MSG exec, employee refute claims by Browne Sanders
NEW YORK -- A Madison Square Garden employee and executive refuted claims by Anucha Browne Sanders in her sexual harrasment suit against New York Knicks coach Isiah Thomas.
Sanders, the Knicks' former vice president of marketing and business operations, claims Thomas showered her with profanities. However, John Cudmore, a senior vice president of finance, testified on Monday that Browne Sanders was unsparing in her own foul language to describe fellow executives.
He told a federal jury that Browne Sanders, on numerous occasions referred to others with the f-word and "bitch," a word she says Thomas frequently hurled at her.

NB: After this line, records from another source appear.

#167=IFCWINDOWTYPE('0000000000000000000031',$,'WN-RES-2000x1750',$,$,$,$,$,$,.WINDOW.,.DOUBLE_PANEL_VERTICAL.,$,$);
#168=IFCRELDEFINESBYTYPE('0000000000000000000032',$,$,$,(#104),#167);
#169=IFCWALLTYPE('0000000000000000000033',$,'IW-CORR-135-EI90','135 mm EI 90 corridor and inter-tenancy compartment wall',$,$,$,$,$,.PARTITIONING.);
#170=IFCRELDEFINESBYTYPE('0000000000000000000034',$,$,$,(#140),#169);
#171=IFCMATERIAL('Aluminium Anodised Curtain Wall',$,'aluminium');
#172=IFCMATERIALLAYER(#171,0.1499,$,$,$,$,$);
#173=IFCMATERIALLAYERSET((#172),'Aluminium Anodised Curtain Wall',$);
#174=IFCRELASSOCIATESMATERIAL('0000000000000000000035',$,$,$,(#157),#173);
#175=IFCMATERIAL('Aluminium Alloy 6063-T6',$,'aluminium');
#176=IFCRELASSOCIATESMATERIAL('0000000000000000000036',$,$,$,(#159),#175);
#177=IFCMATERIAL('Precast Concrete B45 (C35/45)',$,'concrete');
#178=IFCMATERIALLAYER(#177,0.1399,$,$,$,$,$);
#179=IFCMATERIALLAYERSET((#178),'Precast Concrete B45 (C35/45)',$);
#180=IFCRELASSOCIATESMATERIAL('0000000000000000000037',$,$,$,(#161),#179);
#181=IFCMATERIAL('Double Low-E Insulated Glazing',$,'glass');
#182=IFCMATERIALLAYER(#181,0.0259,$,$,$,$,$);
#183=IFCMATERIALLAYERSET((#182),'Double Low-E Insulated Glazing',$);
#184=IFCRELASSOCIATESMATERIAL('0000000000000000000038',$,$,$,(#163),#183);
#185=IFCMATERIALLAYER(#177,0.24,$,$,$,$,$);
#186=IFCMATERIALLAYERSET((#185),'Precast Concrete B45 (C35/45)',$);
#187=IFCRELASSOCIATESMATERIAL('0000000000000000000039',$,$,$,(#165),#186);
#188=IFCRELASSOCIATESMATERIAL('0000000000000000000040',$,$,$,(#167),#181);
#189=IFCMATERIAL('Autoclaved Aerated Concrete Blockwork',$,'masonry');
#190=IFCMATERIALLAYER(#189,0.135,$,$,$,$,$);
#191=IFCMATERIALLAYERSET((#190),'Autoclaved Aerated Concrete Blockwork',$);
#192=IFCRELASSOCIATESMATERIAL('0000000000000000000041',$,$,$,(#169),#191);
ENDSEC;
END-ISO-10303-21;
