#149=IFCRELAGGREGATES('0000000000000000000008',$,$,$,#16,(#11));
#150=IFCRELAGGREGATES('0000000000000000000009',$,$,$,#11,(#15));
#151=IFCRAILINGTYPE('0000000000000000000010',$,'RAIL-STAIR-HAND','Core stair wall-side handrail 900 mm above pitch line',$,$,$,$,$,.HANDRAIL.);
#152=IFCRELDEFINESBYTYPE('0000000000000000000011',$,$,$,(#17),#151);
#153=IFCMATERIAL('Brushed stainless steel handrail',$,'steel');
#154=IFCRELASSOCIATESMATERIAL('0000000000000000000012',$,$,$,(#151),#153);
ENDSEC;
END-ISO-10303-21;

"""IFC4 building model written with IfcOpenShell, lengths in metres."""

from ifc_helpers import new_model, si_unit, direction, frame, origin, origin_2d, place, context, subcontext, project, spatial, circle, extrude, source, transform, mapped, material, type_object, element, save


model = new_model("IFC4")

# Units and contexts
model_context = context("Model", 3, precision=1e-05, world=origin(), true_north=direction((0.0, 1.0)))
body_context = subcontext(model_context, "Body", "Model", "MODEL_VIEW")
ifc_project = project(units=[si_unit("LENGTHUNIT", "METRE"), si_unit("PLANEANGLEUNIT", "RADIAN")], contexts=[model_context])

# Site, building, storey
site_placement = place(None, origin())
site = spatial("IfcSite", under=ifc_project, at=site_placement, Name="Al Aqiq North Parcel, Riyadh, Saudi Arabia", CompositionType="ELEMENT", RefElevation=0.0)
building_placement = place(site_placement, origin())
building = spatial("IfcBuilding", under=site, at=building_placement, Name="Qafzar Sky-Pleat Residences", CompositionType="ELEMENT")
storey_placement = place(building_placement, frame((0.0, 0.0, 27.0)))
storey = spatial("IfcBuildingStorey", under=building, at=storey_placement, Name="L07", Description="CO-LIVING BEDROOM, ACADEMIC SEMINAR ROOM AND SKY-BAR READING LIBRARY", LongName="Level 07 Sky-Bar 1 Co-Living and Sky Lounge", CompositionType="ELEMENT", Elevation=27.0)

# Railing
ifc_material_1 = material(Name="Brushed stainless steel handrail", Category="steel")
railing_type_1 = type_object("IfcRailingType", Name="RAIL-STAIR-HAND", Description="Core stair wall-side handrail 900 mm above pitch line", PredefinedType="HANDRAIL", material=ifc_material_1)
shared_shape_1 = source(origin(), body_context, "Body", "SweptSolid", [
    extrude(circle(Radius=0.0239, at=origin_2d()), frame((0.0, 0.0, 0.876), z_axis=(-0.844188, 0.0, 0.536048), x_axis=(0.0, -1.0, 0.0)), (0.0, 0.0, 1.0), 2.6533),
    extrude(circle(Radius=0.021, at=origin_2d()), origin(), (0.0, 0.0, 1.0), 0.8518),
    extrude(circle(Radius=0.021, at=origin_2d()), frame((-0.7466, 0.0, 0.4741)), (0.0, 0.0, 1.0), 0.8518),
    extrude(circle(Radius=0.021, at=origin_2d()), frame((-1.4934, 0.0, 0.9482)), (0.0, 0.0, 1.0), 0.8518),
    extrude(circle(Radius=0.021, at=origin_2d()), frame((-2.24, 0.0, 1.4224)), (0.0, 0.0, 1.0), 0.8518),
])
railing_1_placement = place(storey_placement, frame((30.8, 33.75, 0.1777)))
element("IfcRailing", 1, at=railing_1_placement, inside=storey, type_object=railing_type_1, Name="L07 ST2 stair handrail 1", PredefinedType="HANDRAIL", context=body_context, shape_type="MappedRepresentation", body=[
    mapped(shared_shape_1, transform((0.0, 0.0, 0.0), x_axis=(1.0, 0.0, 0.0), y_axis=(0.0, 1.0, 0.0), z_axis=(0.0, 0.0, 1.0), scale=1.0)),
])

Cudmore was called as a witness by the defense as the trial entered its third week. Late Monday afternoon, 1050 ESPN Radio's Andrew Marchand reported that Madison Square Garden owner James Dolan is expected to testify on Tuesday afternoon.
Browne Sanders is seeking millions of dollars in damages in a sexual harassment suit against Thomas. She was hired by the Knicks in late 2000 and was fired in January 2006, months after complaining to MSG management that she was mistreated by Thomas.
Meanwhile, an MSG employee testified on Monday that she had consensual sex with Knicks guard Stephon Marbury, contradicting earlier claims by Browne Sanders.
Kathleen Decker took the witness stand in a crowded Manhattan courtroom to try to settle for a jury what happened the night of her birthday in 2005 when she met Marbury at a strip club and got into the basketball star's truck.
She said she was not intoxicated when she left the club in Mount Vernon, N.Y., intending to get a ride home with Marbury's cousin. Instead, she encountered Marbury sitting in his truck calling out to her.
"Stephon Marbury asked me: 'Are you going to get in the truck?' and I got in the truck," she told the jury. Asked if the sex was consensual, she answered, "Completely ... I was in control."
One lawyer asked her if Marbury raped her. "Never," she responded.
The testimony came after the fired Browne Sanders testified as part of her sexual harassment case that Decker told her she felt no choice but to submit to Marbury's advances.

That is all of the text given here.